In this week’s Success Newsletter, I would like to explain how we are not all the same and what that signifies for relationships and business.
First a quick update:
“The art of flirting”
Read the transcript of the interview I gave to Sue McGarvie Clinical Therapist and Syndicated Talk Show host of Ottawa’s EZ Rock 99.7 “Love & Lipstick”, about flirting from the male perspective – which flirting techniques work with men and which don’t.
“The training – now also via webinar”
In response to requests from people outside the US, the training course for my unique therapeutic technique “Subconscious Rapid Transformation Technique” (SRTT) will now be conducted over the phone and via webinar so you can learn and follow along and ask questions via your computer from anywhere in the world, and, we have adjusted the dates to ensure everyone is accommodated. Are you one of the lucky few to grab the last places to make up the 15 people being accepted? Hurry!!!
Now, let’s talk about why we are not all the same and its implications.
This year, the T.I.M.M.-E Company, Inc. (Tolerance in Multi Media Education) – an educational company that teaches tolerance and diversity in schools, celebrated its 10th anniversary of the children’s book “We Are All The Same Inside.” The book’s message is to encourage children to celebrate our similarities while embracing each other’s differences.

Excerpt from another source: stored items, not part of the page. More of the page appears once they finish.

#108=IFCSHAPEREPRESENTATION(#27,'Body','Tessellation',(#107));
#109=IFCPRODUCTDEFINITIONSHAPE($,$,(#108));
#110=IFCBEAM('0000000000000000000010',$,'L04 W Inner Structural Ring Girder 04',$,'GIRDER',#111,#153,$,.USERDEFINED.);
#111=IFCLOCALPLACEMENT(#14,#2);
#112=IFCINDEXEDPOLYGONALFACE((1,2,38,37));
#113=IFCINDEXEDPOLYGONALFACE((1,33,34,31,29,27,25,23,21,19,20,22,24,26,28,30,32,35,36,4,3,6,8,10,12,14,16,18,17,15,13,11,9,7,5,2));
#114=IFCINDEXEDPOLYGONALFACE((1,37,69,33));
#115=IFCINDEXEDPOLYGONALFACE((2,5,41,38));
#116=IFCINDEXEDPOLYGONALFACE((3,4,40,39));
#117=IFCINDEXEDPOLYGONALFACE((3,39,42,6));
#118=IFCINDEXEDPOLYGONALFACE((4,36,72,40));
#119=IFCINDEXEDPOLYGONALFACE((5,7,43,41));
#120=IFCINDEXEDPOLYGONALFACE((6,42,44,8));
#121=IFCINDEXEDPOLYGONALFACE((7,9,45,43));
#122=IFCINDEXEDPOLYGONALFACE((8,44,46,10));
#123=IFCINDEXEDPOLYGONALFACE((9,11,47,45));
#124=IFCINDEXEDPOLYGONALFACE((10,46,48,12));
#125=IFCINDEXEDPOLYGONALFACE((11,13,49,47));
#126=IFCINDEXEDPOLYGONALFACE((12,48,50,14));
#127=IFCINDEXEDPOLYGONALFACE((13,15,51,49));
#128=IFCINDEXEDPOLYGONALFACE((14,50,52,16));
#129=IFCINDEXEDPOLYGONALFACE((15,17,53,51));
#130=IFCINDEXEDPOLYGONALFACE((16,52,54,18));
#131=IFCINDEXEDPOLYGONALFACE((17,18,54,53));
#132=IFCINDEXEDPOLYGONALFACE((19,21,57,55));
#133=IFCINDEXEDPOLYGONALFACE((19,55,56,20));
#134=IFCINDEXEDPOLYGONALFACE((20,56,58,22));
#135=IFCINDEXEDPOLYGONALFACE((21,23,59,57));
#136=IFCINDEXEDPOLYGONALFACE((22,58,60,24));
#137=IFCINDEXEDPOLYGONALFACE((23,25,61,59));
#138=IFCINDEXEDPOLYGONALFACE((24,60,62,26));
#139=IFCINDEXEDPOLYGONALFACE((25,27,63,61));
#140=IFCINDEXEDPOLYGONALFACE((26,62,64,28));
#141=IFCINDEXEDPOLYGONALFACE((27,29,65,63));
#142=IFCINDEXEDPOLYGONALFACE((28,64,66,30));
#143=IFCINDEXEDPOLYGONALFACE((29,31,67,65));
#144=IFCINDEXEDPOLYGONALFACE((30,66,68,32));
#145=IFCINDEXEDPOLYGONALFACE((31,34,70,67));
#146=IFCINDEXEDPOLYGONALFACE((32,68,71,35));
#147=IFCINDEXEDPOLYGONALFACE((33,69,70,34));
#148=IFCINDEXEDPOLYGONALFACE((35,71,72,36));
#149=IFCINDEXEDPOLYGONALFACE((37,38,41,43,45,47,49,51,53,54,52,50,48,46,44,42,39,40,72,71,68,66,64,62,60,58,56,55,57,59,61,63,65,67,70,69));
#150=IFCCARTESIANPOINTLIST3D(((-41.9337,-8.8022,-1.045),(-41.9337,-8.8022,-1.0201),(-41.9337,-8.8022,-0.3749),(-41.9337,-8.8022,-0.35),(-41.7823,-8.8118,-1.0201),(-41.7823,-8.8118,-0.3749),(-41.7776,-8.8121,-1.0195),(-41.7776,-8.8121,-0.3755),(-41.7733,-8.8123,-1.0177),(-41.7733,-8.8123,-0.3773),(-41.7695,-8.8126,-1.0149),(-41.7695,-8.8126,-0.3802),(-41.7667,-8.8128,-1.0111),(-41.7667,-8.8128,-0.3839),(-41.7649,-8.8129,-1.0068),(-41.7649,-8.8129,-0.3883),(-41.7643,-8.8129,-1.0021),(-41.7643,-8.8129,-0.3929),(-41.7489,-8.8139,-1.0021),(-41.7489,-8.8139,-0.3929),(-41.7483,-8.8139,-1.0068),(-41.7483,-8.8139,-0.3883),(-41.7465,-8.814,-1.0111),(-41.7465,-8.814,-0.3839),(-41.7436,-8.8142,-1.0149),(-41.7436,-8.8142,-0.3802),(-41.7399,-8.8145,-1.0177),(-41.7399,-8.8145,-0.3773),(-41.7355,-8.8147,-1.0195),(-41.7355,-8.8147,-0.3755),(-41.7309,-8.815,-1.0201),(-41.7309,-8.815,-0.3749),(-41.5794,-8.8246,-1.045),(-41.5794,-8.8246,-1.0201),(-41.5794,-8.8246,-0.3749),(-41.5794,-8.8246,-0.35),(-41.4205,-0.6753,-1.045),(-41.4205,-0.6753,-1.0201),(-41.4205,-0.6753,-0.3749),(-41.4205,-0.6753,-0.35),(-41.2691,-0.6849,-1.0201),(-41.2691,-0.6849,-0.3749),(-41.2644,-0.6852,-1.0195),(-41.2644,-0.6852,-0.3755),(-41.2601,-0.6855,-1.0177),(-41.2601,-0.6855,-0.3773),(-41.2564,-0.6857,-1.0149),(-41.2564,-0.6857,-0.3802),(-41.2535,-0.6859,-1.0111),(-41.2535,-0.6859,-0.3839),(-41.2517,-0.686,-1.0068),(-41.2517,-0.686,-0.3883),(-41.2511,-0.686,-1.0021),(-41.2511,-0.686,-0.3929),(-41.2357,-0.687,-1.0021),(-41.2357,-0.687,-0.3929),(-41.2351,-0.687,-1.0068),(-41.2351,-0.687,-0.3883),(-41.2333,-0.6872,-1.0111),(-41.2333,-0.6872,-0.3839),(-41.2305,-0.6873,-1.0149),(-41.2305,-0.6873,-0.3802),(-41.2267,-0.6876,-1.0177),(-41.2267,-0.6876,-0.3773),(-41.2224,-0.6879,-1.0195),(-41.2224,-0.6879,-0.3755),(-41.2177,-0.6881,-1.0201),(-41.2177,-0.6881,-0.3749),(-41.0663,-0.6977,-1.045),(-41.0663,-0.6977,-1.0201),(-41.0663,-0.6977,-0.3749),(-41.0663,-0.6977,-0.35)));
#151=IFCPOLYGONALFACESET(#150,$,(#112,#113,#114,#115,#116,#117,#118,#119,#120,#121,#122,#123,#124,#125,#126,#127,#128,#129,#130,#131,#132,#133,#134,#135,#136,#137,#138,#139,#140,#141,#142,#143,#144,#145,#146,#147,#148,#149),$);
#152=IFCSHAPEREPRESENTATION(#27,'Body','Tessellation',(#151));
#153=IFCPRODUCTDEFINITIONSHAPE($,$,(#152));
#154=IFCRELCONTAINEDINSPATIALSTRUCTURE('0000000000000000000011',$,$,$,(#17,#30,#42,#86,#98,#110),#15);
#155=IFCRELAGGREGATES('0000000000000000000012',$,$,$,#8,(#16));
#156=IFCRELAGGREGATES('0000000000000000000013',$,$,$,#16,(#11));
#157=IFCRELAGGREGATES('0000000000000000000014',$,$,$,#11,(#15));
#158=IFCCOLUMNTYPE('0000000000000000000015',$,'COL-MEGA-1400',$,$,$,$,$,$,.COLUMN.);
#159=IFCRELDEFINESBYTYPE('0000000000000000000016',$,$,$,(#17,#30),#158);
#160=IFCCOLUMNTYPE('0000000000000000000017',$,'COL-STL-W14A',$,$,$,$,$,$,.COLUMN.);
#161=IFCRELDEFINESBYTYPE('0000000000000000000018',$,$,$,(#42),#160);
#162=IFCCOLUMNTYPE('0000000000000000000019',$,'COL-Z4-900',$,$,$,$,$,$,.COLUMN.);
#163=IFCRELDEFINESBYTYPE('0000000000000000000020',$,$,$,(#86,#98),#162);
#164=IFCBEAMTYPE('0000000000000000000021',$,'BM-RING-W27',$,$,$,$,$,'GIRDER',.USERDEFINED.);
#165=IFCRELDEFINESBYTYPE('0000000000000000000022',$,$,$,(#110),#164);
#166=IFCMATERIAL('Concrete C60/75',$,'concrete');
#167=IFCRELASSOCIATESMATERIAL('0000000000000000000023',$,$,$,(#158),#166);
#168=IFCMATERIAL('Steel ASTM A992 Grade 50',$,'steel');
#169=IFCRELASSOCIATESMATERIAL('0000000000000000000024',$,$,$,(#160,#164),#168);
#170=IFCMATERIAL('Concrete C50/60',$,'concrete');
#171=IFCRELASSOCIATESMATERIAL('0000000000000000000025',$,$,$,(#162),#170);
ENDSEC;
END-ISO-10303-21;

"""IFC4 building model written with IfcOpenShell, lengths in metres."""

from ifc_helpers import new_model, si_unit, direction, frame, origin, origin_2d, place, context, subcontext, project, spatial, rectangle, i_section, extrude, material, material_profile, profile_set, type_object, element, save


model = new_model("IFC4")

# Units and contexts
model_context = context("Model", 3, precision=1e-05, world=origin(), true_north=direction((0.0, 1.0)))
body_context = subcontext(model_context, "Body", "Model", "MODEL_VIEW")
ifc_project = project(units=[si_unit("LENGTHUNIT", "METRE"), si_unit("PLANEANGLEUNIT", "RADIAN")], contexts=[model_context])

And yes, it is true that were we to remove color, gender, culture, age and other differences such as socio-economic disparities, we would find that inside we are all very similar and accordingly we do also have common physical and emotional needs such as food, water, shelter, attention, approval, love & connection, security, challenges, significance, growth, and contribution – meaning and purpose. (See also my Newsletter from June 30, 2010: “Getting your six needs”)
Common humanity is one of the key messages of the 1985 classic film “The Breakfast Club”: beneath their obvious external differences, the geek, the sports jock, the princess, the criminal and the kook are in essence all the same, sharing the same fears, hopes, deepest emotions and problems.
However, there are also critical ways in which we are very different and that, in turn, can destroy relationships and our general happiness & enjoyment of life.
There were two brothers, just three years apart in age. Both boys suffered abuse from an angry alcoholic father and felt unloved by a mother who was self-absorbed and not very nurturing. When the two boys grew up, one became angry like his father and continued to be verbally abusive towards his mother. The second brother left home at a very young age, traveled the world and studied psychology in an attempt to understand and heal himself.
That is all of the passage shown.